Too often, time-pressed primary care physicians are offering the testing without allotting the necessary time for in-depth counseling, he said.
“Yes, it is an exciting test and a good test, but it certainly is not a perfect test ... and I am hesitant for families to make decisions about pregnancy management based solely on NIPS unless there were obvious birth defects detected on prenatal ultrasound that were consistent with the NIPS findings,” he said.
For example, if an ultrasound shows holoprosencephaly, and NIPS shows trisomy 13, the likelihood of trisomy 13 is greater than 95%, he explained, adding that other scenarios, such as detecting partial deletions or duplications, is much less clear.
“Most patients who receive this screening should receive genetic counseling from a certified genetic counselor prior to having the test,” he said. “When we’re talking about very significant diagnoses that may alter the management of pregnancy, I think we need to be 100% correct. Yes, there is high specificity and sensitivity, and for most of the disorders – especially the trisomies – it has good positive predictive value. But it is not perfect, and I think we need to go into that with our eyes open, and families need to go in with their eyes open.”
Jennifer Stallworth, one of the genetic counselors at Greenwood Genetic Center, explained that her role is to counsel patients who may be considering the test, including informing them about the risk for chromosomal conditions in their pregnancies, and discussing the pros and cons of NIPT, compared with other screening and diagnostic testing options.

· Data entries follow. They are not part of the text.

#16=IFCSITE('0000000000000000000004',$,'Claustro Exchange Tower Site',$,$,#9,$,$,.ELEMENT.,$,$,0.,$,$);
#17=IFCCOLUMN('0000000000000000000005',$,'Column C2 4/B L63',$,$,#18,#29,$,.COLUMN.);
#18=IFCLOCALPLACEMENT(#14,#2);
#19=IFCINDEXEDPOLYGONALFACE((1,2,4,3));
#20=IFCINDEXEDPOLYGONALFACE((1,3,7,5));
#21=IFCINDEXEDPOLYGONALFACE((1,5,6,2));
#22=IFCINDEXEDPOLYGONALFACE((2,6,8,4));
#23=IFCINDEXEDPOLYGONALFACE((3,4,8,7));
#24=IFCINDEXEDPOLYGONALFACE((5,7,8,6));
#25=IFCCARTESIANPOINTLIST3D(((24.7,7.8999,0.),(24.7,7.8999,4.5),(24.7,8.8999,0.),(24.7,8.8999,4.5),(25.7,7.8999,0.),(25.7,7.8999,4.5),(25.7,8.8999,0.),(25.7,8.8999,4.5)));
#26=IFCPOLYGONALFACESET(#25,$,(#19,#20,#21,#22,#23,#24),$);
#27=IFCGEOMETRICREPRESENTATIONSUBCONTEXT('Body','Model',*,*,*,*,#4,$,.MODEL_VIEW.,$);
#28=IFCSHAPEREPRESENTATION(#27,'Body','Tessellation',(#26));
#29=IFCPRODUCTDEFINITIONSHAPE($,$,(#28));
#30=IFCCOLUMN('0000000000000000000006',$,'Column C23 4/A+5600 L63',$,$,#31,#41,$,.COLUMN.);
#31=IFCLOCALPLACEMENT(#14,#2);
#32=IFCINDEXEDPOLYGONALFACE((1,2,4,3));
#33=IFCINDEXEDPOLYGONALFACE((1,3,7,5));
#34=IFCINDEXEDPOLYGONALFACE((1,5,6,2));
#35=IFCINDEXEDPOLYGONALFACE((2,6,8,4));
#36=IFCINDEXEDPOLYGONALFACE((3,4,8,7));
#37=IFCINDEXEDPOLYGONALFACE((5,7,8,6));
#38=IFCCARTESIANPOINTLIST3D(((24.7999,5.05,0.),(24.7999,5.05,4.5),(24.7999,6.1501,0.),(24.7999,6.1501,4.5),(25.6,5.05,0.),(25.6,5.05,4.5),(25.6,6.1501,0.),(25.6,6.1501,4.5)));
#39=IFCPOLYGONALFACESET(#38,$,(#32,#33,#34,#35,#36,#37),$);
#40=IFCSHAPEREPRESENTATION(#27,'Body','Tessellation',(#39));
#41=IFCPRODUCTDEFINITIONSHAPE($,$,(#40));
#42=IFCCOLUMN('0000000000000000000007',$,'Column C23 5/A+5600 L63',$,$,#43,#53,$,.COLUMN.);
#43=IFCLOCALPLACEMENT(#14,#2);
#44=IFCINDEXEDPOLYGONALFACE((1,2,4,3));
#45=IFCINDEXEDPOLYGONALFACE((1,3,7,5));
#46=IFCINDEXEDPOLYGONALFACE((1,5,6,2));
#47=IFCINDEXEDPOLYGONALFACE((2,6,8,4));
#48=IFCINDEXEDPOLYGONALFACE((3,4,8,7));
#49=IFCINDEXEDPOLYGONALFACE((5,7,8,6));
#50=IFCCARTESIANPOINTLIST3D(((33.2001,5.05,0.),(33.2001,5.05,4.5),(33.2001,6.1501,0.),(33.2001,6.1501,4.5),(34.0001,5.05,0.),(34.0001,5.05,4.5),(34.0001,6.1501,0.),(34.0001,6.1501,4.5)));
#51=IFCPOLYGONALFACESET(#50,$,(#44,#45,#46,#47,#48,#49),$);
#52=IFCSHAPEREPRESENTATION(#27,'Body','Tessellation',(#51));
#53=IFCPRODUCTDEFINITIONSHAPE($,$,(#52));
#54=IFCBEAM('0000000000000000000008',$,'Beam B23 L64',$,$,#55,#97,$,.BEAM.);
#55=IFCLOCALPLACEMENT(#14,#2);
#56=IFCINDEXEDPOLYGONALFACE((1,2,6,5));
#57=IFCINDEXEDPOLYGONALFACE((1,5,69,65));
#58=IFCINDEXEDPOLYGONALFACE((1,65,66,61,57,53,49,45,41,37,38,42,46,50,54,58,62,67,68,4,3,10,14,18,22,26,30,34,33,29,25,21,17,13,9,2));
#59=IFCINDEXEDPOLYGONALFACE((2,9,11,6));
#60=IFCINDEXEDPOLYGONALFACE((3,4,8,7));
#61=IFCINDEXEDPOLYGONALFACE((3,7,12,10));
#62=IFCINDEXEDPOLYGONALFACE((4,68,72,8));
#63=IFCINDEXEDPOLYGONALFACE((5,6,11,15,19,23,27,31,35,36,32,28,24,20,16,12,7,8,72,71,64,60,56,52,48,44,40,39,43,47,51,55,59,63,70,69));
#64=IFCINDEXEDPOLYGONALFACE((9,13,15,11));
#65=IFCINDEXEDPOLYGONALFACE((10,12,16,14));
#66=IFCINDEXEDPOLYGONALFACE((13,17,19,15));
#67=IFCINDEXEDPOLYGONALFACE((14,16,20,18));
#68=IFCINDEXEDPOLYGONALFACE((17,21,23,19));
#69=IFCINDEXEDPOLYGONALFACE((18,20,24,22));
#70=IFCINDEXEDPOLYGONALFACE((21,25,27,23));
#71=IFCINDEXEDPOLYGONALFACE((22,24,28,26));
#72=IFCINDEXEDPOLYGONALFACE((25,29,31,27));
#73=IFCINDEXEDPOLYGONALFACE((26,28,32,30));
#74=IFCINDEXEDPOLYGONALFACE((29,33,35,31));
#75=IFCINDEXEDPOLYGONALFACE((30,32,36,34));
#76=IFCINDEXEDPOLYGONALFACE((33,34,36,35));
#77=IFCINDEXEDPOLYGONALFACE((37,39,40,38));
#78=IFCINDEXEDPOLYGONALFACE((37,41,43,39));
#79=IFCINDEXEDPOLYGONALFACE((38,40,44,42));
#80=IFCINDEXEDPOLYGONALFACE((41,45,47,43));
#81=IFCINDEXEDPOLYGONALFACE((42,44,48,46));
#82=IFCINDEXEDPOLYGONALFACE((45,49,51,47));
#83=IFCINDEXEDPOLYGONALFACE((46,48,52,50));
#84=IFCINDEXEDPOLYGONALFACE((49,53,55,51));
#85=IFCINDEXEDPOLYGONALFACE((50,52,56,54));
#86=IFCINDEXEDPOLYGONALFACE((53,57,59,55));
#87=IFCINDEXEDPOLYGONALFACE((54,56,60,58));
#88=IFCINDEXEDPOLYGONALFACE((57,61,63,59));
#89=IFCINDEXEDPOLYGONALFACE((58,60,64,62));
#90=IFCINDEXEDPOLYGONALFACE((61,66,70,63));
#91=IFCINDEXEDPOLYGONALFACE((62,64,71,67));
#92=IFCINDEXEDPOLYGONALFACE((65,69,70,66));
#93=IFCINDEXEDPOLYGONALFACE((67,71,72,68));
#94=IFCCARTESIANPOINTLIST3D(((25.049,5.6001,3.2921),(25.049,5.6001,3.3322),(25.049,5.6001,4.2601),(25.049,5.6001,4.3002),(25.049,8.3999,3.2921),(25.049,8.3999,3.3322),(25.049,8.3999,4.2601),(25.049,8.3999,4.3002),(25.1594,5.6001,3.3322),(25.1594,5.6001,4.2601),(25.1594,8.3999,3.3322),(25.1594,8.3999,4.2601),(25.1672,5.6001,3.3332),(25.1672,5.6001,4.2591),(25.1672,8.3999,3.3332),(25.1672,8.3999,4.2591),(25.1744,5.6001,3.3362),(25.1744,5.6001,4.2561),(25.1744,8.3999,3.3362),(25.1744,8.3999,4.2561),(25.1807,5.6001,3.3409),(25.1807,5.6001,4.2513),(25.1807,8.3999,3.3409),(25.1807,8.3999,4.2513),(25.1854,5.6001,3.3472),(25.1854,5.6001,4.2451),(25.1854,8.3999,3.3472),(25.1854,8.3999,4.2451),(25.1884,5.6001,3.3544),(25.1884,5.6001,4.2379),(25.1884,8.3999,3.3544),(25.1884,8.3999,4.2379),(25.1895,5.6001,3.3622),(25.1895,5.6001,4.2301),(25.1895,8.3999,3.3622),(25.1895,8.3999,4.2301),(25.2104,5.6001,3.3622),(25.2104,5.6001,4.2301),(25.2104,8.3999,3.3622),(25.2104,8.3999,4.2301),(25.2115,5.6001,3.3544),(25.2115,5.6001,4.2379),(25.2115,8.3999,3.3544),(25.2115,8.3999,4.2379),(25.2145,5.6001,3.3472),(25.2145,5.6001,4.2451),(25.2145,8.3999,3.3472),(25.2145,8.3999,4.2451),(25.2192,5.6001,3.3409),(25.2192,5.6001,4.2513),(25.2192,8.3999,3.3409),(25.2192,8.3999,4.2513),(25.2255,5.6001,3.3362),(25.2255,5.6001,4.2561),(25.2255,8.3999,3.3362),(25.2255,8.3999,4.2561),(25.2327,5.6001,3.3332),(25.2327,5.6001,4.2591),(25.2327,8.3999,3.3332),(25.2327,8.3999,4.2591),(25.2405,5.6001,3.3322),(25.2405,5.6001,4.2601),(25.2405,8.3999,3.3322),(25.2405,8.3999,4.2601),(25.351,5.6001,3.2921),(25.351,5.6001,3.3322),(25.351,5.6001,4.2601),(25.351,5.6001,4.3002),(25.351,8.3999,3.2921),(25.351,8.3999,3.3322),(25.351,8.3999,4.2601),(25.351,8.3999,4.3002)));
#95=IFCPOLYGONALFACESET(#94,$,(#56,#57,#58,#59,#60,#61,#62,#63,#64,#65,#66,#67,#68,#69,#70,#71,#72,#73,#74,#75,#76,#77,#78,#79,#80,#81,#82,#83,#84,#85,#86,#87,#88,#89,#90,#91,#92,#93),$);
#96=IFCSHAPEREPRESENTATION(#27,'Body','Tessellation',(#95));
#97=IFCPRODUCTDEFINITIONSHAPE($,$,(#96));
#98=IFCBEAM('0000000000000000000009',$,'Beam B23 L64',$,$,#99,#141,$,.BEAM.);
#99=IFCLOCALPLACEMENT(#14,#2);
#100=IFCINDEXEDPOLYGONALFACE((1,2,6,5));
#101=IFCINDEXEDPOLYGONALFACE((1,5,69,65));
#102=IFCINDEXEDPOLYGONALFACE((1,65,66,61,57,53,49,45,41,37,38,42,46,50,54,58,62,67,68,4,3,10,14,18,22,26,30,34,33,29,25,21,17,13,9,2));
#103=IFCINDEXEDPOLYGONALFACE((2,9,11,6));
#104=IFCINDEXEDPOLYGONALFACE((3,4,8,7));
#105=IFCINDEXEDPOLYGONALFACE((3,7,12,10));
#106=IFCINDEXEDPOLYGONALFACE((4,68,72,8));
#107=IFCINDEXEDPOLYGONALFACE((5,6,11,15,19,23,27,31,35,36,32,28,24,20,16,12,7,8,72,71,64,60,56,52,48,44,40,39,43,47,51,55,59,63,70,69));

“I also counsel patients who have already had the test completed, and whether the results are normal or abnormal, I try to help them understand how that result has changed our understanding of the risk for a chromosome disorder in the pregnancy,” she said.
She, too, noted that the excitement about these tests stems largely from a desire to improve upon existing screening methods.
“I think everyone would like to have a risk-free alternative to amniocentesis and [chorionic villi sampling], but we are not yet to that point with NIPT,” Ms. Stallworth said. “I would continue to advise doctors and patients that these tests are a good way to screen for major chromosome conditions, but it is still important to consider all of a patient’s risk factors and to remember that invasive diagnostic testing offers the most complete information at this time.”